Real beer aficionados wouldn't touch it with a 10-foot pole. Nobody with good taste genuinely likes light beer to the point that they'd go out of their way to keep it stocked at all times. The people who are regular light beer customers are probably the same folks who order steak well done, spoil movie endings and fart in elevators as soon as they exit -- they ruin everything with their tasteless ways.

3) It's a Poor Alternative to a Poor Alternative

All light beer is a watery, crappier version of an already crappy beer. Miller Light, Bud Lite and Coors Light are calorically scant versions of Miller, Bud and Coors, which are hardly the creme de la creme when it comes to brewskies. There's a reason why Guinness Light flopped as soon as it debuted in 1979 -- it's because Guinness is delicious on its own, and it's sacrilegious to water down perfection.

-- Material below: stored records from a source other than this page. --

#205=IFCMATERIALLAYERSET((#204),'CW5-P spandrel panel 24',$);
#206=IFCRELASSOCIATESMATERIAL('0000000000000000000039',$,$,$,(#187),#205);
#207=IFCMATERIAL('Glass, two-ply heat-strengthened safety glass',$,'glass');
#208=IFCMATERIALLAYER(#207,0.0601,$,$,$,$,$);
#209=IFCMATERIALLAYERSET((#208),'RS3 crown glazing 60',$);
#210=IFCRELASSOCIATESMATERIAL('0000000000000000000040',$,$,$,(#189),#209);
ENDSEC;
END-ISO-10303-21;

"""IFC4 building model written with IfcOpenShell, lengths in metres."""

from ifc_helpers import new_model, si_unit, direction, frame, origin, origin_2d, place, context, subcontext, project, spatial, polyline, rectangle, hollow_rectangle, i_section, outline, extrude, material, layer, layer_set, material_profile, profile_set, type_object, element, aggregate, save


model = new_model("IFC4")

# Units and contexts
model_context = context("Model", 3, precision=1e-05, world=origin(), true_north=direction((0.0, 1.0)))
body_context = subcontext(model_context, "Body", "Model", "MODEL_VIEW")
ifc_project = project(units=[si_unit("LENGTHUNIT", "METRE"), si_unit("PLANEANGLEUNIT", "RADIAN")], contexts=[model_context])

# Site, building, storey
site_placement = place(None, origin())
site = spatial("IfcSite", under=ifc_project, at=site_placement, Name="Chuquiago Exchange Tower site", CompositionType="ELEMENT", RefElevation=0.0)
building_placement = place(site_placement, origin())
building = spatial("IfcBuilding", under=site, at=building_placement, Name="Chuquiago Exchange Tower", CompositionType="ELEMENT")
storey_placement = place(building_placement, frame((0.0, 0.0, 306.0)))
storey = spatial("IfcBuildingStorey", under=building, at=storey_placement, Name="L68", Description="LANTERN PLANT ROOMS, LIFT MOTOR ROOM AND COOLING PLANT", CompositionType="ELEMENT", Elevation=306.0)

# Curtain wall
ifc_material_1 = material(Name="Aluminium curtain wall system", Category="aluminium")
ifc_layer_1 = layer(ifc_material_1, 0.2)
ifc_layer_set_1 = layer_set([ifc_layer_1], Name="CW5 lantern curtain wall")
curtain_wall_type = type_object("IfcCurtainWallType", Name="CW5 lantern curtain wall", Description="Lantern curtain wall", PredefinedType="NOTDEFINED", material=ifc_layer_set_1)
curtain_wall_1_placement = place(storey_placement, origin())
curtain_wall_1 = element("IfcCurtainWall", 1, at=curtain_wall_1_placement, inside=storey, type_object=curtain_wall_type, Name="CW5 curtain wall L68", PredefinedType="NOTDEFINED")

4) The Commercials Are Enraging

Right now there's a Bud Lite commercial that keeps airing based on their "too strong," "too light" and "just right" tagline. In this particular piece, a woman at a bistro cafe keeps trying to get the waiter's attention while she and her girlfriends are drinking bottles of Bud Lite. First of all, what the hell? Secondly, no. When have you ever seen a group of young, moderately attractive females out on a lunch date at a decent restaurant sucking down Bud Lite as if they're the deep south version of the Sex and the City girls? All light beer commercials seem to waft an air of sophistication out through the TV and into your cerebrum. They should just give up and appeal to their true demographic with commercials that say "Light Beer: Drink 4 cases and shoot at shit while wearing an armor of empty 24-pack boxes."

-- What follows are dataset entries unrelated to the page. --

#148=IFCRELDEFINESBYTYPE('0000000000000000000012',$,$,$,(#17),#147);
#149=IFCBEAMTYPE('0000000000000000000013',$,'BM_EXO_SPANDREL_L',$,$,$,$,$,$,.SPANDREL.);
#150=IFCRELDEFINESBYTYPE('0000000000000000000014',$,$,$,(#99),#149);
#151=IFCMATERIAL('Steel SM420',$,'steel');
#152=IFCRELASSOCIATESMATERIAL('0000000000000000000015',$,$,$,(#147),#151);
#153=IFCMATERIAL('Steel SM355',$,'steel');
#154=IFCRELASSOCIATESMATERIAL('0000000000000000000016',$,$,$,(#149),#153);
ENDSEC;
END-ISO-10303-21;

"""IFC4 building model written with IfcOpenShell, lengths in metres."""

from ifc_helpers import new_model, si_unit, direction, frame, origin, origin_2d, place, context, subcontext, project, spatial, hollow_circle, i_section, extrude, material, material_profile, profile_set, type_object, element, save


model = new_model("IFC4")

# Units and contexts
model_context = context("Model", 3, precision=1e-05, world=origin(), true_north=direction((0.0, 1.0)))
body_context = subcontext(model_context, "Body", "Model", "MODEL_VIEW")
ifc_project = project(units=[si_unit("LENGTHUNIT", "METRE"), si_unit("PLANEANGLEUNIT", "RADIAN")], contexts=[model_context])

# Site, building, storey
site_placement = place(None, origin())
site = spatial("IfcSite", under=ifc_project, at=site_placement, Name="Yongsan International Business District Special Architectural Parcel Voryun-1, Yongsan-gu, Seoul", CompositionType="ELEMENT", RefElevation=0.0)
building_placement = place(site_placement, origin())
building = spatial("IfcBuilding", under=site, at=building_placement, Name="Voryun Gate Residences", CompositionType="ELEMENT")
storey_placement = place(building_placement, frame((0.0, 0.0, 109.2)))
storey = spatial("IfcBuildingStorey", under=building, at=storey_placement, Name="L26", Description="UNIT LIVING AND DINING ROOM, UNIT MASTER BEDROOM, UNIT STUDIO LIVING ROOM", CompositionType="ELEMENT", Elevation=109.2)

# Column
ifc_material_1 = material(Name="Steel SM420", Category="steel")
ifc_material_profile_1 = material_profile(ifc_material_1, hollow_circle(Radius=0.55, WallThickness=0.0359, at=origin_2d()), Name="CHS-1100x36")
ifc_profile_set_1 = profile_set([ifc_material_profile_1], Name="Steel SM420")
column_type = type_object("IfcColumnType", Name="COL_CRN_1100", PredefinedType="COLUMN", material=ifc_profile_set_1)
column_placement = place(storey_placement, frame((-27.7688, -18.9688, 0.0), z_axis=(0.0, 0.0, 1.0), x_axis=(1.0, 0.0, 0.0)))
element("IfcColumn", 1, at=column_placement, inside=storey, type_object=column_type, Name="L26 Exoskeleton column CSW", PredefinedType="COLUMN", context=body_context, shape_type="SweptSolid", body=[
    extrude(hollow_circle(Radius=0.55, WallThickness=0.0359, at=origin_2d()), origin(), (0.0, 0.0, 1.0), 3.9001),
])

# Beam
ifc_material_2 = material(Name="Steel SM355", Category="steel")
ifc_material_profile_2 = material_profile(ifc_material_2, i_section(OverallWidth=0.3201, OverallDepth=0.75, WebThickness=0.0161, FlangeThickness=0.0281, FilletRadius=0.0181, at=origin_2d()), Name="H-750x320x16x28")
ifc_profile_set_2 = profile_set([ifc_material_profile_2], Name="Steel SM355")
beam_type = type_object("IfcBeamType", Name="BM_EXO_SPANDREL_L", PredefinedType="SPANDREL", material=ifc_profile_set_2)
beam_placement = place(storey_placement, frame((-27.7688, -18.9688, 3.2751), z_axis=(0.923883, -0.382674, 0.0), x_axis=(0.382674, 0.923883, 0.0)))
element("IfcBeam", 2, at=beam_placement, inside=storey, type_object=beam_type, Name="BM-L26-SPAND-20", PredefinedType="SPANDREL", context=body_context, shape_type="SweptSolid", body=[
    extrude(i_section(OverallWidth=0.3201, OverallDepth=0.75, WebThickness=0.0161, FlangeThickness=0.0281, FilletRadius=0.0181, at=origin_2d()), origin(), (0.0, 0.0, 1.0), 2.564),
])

5) Beer is SUPPOSED to be Enjoyed

Different types of beer exist to suit many different palates, whether you like something dark and chocolatey or summery and citrusy. Whatever your preference, you tend to enjoy what tastes good. If you like a particular beer and want to enjoy it, just drink the damn thing and eat the calorie count. If you have a craving for a milkshake, you don't say "Ooh, I really want a milkshake, but I'll substitute water for the milk and frozen cottage cheese for the ice cream and blend that atrocity together so I can drink a few of them without feeling guilty-wilty about the extra calories." No, of course not. That would make you exceptionally wimpy. You order a milkshake with sprinkles, whipped cream, a cherry on top and a half-tin refill and you suck that bad boy down like a champ. The same goes for beer -- screw the calorie consideration. If it tastes good and you like it, just order and enjoy it, god damnit.